New Zealand mosque shooting: Country considers new gun laws after one, not 1,981 mass shootings

Within hours of the mass shooting at the Al Noor and Linwood mosques in Christchurch Friday, controlling the sale of the types of guns used by the alleged killer became a top priority for New Zealand’s lawmakers. In a country that already has strong gun regulations, the debate over closing what the police association said were loopholes took on new urgency — so urgent that some politicians had to moderate statements they’d made in the hours after the attack.

New Zealand Attorney General David Baker, who announced Friday that the country would ban semiautomatic weapons, said Saturday the government has not yet reached that conclusion, Radio New Zealand reported.

“Those decisions have yet to be taken but the prime minister signalled that we are going to look at that issue,” Baker told the RNZ, adding that he intended only to lend support to the prime minister’s remarks, not go any further.

Prime Minister Jacinda Ardern unequivocally stated Friday that, “our gun laws will change,” after announcing that the suspected shooter, Australian Brenton Tarrant, had obtained the weapons used to kill 49 people legally. Ardern did not elaborate on specific legislative or regulatory proposals.

The country already has far stricter gun laws than the United States does — unlike Americans, New Zealanders do not have a constitutional right to bear arms. As Vox’s German Lopez explained, gun owners in New Zealand must pass a firearms course and a background check that looks at their criminal history and associations before obtaining a license to buy any weapons.

“Once a person makes it through the process, he’s allowed to purchase guns and ammo — although some types of firearms, like handguns and certain semiautomatic rifles, require “endorsements” from police and separate permits to purchase. There are also extra storage and inspection requirements.

The licenses have to be renewed every 10 years, and police can revoke a person’s license if that person is believed to no longer be fit for ownership and may pose a threat.”

Despite these laws, however, police say gaps in what types of weapons can be licensed and how semiautomatic weapons are classified pose a threat to the public. Previous attempts to strengthen New Zealand’s gun laws have been defeated by what’s Philip Alpers told CNN was a “small but very strong” gun lobby.

New Zealand’s response is different than the United States’ “thoughts and prayers”

To be clear, semi-automatic weapons, a classification that itself can be imprecise, have not been banned in New Zealand yet.
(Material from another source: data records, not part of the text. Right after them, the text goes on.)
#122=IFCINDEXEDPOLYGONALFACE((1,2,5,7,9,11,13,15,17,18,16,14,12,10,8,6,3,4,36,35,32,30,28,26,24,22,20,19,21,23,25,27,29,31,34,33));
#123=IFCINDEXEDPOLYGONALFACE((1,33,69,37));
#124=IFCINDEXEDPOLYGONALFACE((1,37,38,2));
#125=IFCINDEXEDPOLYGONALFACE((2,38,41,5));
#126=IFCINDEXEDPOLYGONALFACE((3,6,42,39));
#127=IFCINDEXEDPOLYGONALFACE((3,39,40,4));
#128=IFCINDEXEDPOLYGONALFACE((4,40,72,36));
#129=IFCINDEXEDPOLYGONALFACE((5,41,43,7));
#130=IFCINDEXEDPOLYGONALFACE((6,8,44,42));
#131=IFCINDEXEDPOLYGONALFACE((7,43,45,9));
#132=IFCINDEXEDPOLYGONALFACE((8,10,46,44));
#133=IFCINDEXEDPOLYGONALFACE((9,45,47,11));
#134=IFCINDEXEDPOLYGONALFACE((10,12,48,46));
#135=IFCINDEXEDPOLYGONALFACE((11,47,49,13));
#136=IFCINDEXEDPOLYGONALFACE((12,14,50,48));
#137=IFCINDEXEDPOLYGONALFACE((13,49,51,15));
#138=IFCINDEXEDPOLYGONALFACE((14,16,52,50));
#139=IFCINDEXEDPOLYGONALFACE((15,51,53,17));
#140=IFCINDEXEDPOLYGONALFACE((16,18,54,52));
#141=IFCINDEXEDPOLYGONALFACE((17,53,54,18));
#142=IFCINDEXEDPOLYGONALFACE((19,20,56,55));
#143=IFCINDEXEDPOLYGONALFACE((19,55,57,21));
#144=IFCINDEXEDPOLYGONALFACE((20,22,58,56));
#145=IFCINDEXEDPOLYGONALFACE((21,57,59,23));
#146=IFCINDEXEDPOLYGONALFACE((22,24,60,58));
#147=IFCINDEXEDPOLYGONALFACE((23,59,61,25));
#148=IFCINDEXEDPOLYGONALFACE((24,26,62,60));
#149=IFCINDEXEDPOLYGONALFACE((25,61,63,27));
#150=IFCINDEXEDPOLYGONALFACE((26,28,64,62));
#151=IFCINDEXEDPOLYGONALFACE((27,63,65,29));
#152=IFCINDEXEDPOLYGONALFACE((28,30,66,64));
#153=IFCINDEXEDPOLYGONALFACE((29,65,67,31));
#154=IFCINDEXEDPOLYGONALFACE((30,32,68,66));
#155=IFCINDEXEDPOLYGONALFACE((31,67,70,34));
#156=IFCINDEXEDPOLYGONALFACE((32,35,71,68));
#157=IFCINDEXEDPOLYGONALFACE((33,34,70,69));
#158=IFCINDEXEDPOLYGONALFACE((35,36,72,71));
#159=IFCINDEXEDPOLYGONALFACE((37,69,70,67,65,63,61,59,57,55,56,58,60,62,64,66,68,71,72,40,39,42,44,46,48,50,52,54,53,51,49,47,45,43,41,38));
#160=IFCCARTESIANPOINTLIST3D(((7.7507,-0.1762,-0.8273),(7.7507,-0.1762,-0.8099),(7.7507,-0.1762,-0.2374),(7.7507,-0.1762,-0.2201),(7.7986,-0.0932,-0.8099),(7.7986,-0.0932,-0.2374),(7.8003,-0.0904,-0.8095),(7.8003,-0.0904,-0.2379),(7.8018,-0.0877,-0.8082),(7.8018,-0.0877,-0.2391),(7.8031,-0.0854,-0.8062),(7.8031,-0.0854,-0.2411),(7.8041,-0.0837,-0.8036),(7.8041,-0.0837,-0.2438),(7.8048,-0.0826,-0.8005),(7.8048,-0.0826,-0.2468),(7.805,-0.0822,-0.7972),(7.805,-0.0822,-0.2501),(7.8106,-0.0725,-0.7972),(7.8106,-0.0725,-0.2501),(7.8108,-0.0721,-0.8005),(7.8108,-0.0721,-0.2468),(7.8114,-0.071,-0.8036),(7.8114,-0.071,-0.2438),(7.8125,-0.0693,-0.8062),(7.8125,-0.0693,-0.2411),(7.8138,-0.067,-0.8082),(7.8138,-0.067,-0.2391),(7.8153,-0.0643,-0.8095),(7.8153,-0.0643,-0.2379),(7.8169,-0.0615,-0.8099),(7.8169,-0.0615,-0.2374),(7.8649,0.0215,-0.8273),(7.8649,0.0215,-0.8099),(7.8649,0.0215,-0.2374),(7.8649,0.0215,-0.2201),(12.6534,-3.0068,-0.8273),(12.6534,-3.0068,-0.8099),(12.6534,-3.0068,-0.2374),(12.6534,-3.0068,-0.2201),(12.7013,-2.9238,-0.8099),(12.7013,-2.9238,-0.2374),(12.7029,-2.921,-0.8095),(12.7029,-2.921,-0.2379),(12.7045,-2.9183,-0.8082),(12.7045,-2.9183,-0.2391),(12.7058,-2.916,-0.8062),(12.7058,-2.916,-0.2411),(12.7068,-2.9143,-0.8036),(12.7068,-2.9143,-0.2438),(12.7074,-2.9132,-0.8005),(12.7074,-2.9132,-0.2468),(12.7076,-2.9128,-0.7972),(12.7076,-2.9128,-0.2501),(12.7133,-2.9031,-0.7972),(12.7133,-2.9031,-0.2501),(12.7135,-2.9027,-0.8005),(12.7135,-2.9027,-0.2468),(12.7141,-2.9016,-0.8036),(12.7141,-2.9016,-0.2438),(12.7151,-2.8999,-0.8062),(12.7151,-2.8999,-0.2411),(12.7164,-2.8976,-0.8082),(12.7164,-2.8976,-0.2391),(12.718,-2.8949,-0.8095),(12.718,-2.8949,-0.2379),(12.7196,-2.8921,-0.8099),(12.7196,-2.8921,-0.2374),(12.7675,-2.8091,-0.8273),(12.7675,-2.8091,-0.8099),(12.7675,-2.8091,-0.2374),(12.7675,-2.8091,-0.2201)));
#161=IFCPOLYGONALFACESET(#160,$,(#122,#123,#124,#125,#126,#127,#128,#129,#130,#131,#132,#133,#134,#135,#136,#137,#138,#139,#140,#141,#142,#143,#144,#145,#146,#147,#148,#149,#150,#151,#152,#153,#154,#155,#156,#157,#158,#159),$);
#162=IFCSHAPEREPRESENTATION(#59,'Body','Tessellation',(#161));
However, Baker and Ardern’s unapologetic stance stands in stark contrast to the typical script followed by politicians in the United States, where even legislators who support gun control legislation typically first send their thoughts and prayers following a mass shooting.

Gun-rights activists in the United States pointed out how quickly top New Zealand politicians moved to ban some of the types of firearms used in the attack. Shannon Watts, founder of Moms on Demand, an activist group formed after the Sandy Hook Elementary massacre that left 26, including 20 first-grade students, dead, linked inaction in the U.S. Congress to the power of the NRA lobby.
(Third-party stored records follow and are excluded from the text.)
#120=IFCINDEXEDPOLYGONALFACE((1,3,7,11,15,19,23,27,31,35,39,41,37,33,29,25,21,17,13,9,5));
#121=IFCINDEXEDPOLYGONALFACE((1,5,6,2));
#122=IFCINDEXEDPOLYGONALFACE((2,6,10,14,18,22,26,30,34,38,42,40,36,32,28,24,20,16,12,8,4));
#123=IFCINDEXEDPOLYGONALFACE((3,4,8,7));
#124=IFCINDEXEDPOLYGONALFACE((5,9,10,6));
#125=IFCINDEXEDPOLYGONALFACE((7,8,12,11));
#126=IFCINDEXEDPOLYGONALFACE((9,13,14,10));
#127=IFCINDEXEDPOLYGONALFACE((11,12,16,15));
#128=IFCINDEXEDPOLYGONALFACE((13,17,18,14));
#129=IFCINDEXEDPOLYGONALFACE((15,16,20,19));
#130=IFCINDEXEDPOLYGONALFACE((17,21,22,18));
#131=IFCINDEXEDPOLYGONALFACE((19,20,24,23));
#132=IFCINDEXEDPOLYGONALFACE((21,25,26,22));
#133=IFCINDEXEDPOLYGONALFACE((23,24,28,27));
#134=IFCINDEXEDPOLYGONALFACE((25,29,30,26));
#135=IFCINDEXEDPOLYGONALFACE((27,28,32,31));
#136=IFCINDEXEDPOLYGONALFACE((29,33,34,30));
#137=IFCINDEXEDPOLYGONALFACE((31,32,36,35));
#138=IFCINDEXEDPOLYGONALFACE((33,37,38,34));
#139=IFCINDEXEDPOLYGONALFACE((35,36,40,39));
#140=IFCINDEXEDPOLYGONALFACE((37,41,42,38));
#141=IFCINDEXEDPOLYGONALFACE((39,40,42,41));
Writing in response to the prime minister and attorney general’s calls to reexamine semiautomatic weapons, she said: “Imagine: elected officials putting public safety over gun manufacturers’ profits. Americans deserve better than lawmakers who are letting gun lobbyists write our nation’s gun laws.”

Others were a bit more sardonic.

Since December 14, 2012, the day of the Sandy Hook school shooting, there have been 1,981 mass shootings in the United States. In 14 states, 25 measures calling for the arming of teachers have passed through state houses.

Few American lawmakers have called for an outright ban on semi-automatic weapons as Ardern and Baker have proposed, however immature those efforts may be.

The Democratic takeover of the House in January 2019 led to passage of the Bipartisan Background Checks Act of 2019, which would mandate background checks on all firearm sales, even private ones. The Senate has yet to take over the bill.